Phänomen Parallelgesellschaften

Wie sich Migranten integrieren – oder auch nicht

Migranten bringen viele positive Voraussetzungen mit, um sich in Europa zu integrieren. Trotzdem können Parallelgesellschaften entstehen und sogar eigene Rechtsräume. Eine Studie zeigt die Mechanismen auf.
Muslime im deutschsprachigen Europa.
Deutschkurs für Migranten (Symbolbild)

Migranten sind meistens viel familienbezogener als europäische Gesellschaften. Ihre Familien basieren häufiger auf einer Ehe (in Deutschland 80% gegenüber 69% von Menschen ohne Migrationshindergrund), sie sind seltener geschieden und haben öfter drei und mehr Kinder (15% gegenüber 9% ohne Migrationshindergrund). Dies stellt eine Studie von Stefan Luft, Politikwissenschafter an der Universität Bremen, fest.

Risikopotenzial in den Städten

Das sind die positiven Merkmale, an die eine gute Integrationspolitik anknüpfen könnte, was zum Teil auch von Kirchen getan wird. Die Kehrseite: Migrantenfamilien sind doppelt so häufig arm und leben von Sozialleistungen. Sie leben überdurchschnittlich häufig in Grossstädten, und ihre Kinder tun sich besonders schwer, sich ins Bildungs- und Berufssystem zu integrieren.
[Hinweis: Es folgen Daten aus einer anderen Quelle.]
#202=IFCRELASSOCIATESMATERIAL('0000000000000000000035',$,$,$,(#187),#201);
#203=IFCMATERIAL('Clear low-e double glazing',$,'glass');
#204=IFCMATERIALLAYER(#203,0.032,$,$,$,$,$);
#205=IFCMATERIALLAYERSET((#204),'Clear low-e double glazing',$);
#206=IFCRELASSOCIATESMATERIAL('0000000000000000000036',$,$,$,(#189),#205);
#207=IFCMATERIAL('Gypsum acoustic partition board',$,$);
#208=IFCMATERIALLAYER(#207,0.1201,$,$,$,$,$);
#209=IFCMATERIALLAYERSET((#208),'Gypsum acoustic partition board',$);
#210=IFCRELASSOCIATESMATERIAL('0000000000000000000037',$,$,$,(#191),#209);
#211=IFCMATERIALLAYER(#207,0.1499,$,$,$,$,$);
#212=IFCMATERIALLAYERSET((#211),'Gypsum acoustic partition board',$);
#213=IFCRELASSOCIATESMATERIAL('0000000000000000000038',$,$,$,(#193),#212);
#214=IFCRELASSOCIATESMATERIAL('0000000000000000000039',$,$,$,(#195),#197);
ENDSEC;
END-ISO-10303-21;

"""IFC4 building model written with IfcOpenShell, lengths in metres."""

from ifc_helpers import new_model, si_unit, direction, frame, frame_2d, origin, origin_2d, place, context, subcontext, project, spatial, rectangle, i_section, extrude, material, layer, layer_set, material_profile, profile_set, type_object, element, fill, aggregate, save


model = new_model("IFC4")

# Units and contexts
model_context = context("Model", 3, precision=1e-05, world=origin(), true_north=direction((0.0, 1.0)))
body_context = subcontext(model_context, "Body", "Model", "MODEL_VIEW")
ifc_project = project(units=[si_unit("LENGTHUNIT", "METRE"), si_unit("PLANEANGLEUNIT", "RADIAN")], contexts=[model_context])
Es kommt – vor allem in Grossstädten – zur Konzentration von ethnischen Gruppen, in Deutschland besonders auffällig sind etwa die Türkenquartiere in Berlin.

Bezüglich der Kinder hält der Bericht Beunruhigendes fest: «Der grössere Teil der nachwachsenden Generation wächst in den grossen Städten unter Lebensbedingungen auf, die die alltägliche Erfahrung der Normalität von Armut, Arbeitslosigkeit, sozialer Ausgrenzung und Apathie, gesundheitlichen Beeinträchtigungen, gescheiterten Familien, möglicherweise auch Gewalt und Vernachlässigung beinhalten.» Sie haben kaum eine Gelegenheit, sich in die Berufswelt zu integrieren und werden zu einer sozialen Hypothek werden, wenn nicht Mittel und Wege gefunden werden, sie in Berufswelt und in die hiesige Gesellschaft überhaupt zu integrieren.

Kettenwanderung und ihre Folgen

Eine der Ursachen dafür ist die «Kettenwanderung». Bereits eingewanderte Personen und Familien ziehen weitere Familienangehörige nach. Dass sich diese Migranten im Rahmen einer Familie bewegen können, ist positiv für ihre psychische Stabilität, bremst aber auch ihre Integration in die europäischen Gesellschaften, wie Stefan Luft feststellt. Vor diesem Hintergrund erhalten Bemühungen Auftrieb, wenigstens die Christen unter den Migranten, die unter ihnen die Mehrheit bilden, zu erreichen. Die kulturelle Distanz ist bei ihnen kleiner als bei Menschen aus muslimischen Kulturen.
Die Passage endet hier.